You know the old saying, “First comes love, then comes marriage.” Well, millennials are changing up this old rhyme and inserting buying a home before walking down the aisle. According to new research and a Coldwell Banker Real Estate survey, nearly 25% of married couples ages 18 to 34 bought a home together before they were married. By contrast, just 14% of married couples ages 45 and older said they purchased a home before saying “I do.”
Psychotherapist Dr. Robi Ludwig says that millennials simply have a different attitude when it comes to commitment. She adds, “People are very commitment oriented, but millennials are much more pragmatic. I think millennials are saying that if we want to have the life we want, we need to make smart decisions early on. The home becomes the new engagement ring—and in some ways, the new wedding.”

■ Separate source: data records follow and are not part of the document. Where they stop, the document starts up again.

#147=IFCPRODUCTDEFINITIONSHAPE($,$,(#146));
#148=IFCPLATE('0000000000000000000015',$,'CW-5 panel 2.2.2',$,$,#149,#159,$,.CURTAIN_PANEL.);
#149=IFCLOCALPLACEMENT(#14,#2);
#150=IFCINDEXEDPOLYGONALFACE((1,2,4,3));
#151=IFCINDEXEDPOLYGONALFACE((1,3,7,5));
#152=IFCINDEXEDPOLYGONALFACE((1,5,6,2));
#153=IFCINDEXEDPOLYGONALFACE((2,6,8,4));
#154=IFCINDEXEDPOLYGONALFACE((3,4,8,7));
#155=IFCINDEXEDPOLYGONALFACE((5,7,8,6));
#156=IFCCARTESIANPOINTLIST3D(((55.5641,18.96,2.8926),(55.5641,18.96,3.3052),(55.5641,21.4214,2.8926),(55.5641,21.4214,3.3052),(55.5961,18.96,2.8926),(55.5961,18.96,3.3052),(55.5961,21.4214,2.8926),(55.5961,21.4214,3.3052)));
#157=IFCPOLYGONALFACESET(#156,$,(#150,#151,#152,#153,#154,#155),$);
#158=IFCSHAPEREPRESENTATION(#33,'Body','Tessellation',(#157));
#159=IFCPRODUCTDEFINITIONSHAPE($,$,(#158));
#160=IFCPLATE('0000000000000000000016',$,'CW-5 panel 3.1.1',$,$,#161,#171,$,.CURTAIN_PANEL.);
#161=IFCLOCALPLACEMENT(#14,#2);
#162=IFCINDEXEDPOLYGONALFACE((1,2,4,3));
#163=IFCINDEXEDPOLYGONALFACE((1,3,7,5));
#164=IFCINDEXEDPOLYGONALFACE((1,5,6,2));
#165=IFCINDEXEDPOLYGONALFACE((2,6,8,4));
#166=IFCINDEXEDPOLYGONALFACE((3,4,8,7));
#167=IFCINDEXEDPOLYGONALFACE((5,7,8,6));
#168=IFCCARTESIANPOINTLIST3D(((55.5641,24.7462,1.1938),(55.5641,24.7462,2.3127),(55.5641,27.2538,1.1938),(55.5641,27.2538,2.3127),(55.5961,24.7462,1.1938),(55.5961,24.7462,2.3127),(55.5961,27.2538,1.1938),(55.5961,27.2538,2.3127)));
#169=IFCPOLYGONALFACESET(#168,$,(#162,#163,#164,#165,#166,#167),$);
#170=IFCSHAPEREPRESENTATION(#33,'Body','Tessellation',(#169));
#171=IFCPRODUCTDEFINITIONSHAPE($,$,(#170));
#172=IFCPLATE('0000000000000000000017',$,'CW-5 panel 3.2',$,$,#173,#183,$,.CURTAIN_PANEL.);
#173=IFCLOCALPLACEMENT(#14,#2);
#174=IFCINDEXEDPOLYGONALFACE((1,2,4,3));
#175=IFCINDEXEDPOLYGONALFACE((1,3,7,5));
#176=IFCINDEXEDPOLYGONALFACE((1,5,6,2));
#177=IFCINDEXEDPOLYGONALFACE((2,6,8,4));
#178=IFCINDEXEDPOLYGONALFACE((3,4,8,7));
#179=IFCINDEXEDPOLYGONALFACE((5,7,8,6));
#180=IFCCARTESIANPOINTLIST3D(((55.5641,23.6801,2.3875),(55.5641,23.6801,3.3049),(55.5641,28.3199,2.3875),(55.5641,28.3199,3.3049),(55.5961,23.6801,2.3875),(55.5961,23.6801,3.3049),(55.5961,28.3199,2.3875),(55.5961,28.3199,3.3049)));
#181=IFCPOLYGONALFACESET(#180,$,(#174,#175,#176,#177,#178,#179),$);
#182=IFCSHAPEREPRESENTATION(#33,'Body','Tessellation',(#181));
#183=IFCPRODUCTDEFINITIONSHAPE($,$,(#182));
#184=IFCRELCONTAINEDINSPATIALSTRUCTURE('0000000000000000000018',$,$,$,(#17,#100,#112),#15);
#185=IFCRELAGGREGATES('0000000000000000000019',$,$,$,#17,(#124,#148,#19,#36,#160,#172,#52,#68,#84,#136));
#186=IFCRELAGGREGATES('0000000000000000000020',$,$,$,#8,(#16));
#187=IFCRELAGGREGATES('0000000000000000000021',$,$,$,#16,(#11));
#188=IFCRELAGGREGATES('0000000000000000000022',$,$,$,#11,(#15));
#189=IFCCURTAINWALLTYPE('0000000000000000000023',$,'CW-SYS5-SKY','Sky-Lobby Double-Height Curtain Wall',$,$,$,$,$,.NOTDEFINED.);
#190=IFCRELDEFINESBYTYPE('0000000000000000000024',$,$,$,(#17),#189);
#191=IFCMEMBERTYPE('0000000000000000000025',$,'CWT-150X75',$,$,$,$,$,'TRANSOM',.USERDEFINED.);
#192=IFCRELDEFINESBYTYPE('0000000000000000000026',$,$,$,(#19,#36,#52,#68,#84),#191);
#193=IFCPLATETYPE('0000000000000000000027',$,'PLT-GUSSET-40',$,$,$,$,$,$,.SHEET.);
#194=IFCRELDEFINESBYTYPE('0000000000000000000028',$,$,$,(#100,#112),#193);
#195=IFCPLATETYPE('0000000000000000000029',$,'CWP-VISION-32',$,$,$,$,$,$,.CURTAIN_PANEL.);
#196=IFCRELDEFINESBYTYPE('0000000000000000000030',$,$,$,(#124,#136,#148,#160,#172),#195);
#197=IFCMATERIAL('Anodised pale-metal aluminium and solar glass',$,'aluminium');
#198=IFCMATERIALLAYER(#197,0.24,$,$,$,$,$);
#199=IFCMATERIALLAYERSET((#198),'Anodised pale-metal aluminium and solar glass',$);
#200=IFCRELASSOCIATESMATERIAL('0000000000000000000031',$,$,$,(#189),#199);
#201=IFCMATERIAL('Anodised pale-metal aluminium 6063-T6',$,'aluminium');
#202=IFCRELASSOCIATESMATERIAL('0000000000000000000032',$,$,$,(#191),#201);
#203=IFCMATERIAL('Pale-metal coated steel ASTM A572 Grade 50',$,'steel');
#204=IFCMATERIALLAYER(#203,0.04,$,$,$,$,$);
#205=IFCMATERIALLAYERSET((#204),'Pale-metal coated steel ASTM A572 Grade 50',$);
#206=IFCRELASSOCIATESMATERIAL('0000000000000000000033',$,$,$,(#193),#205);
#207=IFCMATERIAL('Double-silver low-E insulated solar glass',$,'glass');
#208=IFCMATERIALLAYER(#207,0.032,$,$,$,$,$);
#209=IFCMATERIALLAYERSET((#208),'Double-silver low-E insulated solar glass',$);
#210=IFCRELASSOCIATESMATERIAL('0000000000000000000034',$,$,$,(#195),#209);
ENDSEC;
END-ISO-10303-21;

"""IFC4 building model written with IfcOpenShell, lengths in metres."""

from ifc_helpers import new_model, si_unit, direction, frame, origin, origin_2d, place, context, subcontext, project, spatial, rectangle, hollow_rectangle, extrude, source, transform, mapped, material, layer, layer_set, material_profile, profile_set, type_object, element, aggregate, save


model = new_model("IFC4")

But some naysayers point to the legal ramifications of purchasing a home out of wedlock. John Braun, a real estate attorney at Thomas Law Group, has some additional advice for millennials who might be considering the purchase of a home together before they get married. He points out that purchasing a home together without being married offers equal ownership, but not joint ownership. Incidentally, if one partner passes away, their shares of the home will be transferred to their heirs instead of the other partner.
He adds, “When I am not scaring people away from [buying a house before marriage] altogether, I usually recommend that they have an agreement that governs their ownership interests whatever happens. This kind of contract sets forth the contributions made by each party, establishes a right of either party to demand that the property be sold and makes a bunch of other decisions by agreement in advance that are impossible to make by agreement when the parties hate each other. This is an area where an hour or two with an attorney can really pay off in the long run; untangling these interests down the road is a time-consuming—and expensive—undertaking.”